Jakarta, CNN Indonesia -- Bos Sentul City sekaligus bekas Presiden Direktur PT Bukit Jonggol Asri Kwee Cahyadi Kumala alias Swie Teng mengalami depresi ketika mendekam di rumah tahanan Komisi Pemberantasan Korupsi (KPK). Kuasa hukumnya, Bambang Hartono, meminta pemindahan kliennya ke rutan Salemba.
"Kami mohon mengajukan pindah, sebelumnya di rutan KPK ke rutan Salemba," ujar Bambang saat akhir sidang pembacaan terdakwa di Pengadilan Tindak Pidana Korupsi, Jakarta, Rabu (18/2).
Selain mengalami depresi, Swie Teng juga memiliki penyakit jantung dan insomnia. Padatnya rutan KPK menjadi salah satu faktor. "Di rutan KPK tidak cukup memberikan ruang udara karena rutan KPK full," ujarnya.
ADVERTISEMENT
SCROLL TO CONTINUE WITH CONTENT
Bambang menuturkan, cuaca sedang tidak mendukung untuk berolahraga di luar ruangan. Sementara tak ada ruang kosong yang lapang di dalam ruangan. Praktis, waktu olahraga selama 1,5 jam selama tiga kali dalam sepekan pun terbuang.
Menanggapi permohonan Swie Teng, Hakim Ketua Sutiyo Jumadi menuturkan akan berkoordinasi dengan tim jaksa KPK. "Walau kewenangan majelis unuk memindahkan rutan tapi jaksa sebagai eksekutor, kami akan berkoordinasi. Kalau jaksa menyetujui, nanti kami akan koordinasikan," kata Sutiyo.
Pertimbangan hakim dan jaksa, persidangan kasus korupsi yang sedang diusut harus selesai kurang dari sembilan bulan. Efisiensi waktu pun dibutuhkan. Perjalanan dari Rutan Salemba menuju Pengadilan Tipikor dinilai membutuhkan waktu yang lebih lama ketimbang dari Rutan KPK.
Mencari jalan tengah, jaksa mengusulkan pemindahan ke Rutan Guntur KPK. "Untuk kepentingan pemeriksaan di persidangan, perhitungan lebih dekat, ada KPK cabang Guntur, udaranya mungkin lebih baik. Posisi rutan juga lebih dekat ke pengadilan. Tapi kami menyerahkan ke hakim," ujarnya.
Swie Teng ditetapkan sebagai tersangkalantaran merintangi penyidikan dan memengaruhi saksi-saksi di persidangan.

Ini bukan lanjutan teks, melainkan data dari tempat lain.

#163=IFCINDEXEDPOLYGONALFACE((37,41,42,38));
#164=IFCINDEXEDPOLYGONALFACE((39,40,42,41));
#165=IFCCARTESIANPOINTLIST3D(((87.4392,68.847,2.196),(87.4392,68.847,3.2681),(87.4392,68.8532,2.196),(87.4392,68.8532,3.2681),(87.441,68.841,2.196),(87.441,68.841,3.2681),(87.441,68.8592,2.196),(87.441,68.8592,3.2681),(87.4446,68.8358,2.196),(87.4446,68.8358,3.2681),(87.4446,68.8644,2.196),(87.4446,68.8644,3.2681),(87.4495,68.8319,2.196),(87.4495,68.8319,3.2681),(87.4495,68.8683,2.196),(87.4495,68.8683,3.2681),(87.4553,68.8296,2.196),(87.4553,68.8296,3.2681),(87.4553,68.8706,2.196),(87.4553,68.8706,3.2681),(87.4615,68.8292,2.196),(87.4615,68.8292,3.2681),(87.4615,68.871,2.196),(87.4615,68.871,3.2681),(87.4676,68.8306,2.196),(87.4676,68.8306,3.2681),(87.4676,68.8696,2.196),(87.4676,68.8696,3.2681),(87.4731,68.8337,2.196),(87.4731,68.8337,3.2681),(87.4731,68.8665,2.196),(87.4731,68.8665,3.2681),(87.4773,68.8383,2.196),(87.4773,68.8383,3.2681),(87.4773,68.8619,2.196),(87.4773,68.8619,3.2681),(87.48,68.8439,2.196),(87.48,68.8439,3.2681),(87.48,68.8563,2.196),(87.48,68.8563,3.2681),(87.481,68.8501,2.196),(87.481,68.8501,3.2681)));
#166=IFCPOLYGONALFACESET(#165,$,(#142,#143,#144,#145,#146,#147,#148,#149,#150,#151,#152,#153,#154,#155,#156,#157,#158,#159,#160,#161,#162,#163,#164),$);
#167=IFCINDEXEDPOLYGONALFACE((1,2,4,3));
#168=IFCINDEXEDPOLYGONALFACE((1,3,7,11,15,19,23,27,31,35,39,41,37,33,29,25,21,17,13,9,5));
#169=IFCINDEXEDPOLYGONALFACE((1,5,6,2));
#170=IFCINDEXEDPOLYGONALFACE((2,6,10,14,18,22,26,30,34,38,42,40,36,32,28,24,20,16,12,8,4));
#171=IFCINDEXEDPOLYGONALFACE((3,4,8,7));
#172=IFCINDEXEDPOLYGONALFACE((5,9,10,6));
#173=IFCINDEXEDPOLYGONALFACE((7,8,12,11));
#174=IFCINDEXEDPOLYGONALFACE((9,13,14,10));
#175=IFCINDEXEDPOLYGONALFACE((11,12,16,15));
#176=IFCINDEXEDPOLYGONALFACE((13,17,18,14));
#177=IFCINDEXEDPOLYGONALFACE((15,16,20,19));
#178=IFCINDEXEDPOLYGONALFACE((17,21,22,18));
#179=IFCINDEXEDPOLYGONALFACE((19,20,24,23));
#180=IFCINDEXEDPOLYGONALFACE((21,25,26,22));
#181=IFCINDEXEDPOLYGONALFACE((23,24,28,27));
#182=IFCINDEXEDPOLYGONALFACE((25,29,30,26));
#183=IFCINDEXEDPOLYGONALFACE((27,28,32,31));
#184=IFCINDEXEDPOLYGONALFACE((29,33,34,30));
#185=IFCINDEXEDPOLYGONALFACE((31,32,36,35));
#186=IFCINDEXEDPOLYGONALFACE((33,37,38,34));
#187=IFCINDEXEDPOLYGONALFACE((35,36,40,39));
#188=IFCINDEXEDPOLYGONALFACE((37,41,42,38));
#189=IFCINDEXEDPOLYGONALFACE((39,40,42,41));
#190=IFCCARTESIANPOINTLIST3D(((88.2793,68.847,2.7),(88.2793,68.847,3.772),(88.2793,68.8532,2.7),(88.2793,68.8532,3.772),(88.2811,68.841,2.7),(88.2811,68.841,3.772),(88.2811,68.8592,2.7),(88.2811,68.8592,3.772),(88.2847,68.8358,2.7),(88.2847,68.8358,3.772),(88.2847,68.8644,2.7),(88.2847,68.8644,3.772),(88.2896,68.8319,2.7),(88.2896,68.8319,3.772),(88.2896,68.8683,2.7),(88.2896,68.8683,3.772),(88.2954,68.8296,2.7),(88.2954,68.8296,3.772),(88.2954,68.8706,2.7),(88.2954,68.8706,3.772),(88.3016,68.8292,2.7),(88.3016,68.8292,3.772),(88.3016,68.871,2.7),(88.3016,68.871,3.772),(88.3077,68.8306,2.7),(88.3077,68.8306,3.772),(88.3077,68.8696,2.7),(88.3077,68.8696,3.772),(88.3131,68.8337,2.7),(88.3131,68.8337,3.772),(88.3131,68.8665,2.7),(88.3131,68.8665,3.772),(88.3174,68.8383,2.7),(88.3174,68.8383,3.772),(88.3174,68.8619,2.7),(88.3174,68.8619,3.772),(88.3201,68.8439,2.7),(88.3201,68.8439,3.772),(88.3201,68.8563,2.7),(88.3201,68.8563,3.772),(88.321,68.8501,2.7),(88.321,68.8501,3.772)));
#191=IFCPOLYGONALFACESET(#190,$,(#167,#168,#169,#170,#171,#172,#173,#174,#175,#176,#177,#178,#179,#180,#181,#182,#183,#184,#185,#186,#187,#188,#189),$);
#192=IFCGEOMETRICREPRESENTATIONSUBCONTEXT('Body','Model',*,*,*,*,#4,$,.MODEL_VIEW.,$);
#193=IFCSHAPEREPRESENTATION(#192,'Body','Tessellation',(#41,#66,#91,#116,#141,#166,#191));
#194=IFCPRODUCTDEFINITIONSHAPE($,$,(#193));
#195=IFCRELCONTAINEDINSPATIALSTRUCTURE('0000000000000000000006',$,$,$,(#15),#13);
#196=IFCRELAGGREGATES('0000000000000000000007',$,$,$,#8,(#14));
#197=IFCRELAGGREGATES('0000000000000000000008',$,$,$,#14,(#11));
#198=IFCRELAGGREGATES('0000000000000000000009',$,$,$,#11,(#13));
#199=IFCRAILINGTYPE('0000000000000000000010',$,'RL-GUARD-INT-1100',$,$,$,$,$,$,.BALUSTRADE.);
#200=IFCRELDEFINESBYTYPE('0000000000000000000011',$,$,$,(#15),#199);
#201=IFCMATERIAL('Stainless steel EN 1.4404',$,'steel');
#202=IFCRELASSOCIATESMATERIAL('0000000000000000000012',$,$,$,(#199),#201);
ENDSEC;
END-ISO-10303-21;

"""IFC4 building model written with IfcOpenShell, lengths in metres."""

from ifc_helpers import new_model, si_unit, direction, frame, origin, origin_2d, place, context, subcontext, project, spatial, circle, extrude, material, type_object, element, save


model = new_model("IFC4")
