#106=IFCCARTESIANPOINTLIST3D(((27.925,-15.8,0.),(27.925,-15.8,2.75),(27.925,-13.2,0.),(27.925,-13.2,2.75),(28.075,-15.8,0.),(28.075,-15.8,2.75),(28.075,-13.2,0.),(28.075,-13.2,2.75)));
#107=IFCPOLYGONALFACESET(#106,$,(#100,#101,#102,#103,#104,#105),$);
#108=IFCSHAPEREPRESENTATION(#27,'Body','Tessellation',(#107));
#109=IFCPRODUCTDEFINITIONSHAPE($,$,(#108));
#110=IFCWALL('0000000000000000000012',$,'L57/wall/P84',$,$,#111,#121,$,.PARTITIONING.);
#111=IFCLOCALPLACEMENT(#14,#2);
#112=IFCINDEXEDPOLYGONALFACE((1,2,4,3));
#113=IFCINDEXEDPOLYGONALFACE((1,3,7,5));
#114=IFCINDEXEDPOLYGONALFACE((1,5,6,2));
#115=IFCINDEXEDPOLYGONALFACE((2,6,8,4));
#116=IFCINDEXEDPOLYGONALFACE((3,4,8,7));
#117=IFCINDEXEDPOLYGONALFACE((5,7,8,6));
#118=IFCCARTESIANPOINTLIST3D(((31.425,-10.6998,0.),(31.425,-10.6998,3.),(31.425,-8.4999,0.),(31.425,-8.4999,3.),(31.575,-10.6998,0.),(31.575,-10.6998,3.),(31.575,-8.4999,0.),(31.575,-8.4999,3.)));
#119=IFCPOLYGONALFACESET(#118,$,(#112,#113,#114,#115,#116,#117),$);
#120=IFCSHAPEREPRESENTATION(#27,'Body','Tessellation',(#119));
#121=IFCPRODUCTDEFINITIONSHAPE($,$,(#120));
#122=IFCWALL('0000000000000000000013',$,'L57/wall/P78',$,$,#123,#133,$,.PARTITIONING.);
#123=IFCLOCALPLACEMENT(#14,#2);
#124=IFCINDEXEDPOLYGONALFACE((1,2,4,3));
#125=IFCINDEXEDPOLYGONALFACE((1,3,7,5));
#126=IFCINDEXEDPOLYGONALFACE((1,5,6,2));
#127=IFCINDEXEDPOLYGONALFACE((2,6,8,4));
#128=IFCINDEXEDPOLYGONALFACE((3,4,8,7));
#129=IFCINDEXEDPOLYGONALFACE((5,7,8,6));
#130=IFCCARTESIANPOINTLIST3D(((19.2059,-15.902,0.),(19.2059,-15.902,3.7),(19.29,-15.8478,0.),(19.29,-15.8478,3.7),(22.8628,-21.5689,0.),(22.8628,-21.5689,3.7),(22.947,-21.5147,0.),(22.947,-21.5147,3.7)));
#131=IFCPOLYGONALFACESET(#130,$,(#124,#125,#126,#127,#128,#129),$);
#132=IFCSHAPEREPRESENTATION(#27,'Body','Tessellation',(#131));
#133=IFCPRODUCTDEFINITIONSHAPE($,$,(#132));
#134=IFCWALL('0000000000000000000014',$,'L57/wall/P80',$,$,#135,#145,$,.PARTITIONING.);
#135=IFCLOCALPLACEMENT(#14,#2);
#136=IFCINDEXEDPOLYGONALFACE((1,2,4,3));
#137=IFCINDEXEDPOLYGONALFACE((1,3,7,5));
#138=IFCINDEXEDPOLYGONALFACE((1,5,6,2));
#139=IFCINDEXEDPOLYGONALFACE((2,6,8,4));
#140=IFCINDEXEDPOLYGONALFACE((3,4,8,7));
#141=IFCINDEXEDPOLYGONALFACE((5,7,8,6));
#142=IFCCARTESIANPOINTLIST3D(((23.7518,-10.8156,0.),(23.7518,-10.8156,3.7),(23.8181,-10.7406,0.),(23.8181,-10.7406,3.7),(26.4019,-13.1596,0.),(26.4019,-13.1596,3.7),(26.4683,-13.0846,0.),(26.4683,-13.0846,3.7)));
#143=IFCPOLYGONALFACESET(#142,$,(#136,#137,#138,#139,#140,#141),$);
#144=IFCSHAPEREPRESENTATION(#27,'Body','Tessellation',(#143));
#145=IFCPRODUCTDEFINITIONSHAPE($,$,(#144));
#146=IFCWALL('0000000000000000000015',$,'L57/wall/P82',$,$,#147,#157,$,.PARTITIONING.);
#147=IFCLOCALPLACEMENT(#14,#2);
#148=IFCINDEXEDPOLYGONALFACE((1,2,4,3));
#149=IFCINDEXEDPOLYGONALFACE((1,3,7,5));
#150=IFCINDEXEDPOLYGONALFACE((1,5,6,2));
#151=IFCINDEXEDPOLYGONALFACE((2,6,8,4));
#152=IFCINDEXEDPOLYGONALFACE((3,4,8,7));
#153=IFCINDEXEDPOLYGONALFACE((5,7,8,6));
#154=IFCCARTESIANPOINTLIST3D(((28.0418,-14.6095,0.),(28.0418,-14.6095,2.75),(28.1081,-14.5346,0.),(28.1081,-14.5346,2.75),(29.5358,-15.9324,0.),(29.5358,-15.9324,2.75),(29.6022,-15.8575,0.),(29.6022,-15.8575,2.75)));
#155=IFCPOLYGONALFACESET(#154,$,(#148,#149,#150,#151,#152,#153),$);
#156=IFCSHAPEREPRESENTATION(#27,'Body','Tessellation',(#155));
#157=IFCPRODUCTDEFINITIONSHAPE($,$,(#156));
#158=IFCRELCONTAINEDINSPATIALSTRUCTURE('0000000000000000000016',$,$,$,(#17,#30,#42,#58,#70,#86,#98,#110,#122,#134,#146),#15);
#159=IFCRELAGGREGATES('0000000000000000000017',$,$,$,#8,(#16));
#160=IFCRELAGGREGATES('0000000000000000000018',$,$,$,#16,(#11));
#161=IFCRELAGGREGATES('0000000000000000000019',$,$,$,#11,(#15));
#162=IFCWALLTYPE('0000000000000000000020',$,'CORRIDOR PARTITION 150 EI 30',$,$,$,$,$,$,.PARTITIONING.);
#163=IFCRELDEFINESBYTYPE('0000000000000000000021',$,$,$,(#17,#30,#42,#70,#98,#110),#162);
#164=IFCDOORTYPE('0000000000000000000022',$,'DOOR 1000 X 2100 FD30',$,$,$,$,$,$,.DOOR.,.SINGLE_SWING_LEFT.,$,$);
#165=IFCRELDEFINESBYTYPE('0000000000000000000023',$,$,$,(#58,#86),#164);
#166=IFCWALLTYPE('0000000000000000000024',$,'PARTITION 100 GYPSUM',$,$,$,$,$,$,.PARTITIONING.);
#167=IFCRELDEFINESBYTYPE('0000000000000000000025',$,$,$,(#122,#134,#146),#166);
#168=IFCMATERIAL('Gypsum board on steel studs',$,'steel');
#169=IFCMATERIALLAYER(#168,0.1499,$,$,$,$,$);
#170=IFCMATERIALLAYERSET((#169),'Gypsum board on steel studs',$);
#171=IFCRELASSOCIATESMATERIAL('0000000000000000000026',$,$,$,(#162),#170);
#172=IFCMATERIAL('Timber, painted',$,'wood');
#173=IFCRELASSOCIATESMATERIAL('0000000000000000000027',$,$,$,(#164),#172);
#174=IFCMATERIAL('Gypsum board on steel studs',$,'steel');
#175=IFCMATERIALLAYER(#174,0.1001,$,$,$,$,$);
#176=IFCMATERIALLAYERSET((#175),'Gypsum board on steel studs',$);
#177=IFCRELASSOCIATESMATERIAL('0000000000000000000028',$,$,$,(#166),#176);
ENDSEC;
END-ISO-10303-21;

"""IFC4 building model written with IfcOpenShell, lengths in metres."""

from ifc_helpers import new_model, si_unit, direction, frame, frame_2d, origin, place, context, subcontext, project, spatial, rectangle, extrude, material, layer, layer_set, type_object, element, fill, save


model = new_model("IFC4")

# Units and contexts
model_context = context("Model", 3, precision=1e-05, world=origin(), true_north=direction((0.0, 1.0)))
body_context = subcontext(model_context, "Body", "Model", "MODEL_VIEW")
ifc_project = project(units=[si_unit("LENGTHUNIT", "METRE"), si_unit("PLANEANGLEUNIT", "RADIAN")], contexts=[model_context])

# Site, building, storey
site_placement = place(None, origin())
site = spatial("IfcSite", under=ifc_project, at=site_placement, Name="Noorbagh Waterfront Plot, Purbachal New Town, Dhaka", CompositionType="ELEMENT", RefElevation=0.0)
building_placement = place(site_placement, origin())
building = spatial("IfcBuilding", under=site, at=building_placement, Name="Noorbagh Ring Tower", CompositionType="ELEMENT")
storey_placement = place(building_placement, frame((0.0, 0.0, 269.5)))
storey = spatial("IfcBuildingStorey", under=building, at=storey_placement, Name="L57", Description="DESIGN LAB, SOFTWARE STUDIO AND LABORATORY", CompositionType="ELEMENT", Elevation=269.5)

Surat perintah penyidikan dikeluarkan pada 26 September 2014, empat hari sebelum dia akhirnya dijemput paksa.
Cahyadi tersangkut kasus tukar guling hutan Bogor karena diduga menyuap bekas Bupati Bogor Rahmat Yasin untuk mewujudkan ambisinya membangun kota satelit Jonggol City. Ijon itu diserahkan kepada Rahmat untuk mempercepat terbitnya rekomendasi tukar-menukar kawasan hutan atas nama PT BJA seluas 2.754 hektare.
Dia dijerat Pasal 5 ayat 1 huruf a atau b dan Pasal 21 Undang-Undang Nomor 31 Tahun 1999 sebagaimana diubah dalam Undang-Undang Nomor 20 Tahun 2001 tentang Pemberantasan Tindak Pidana Korupsi.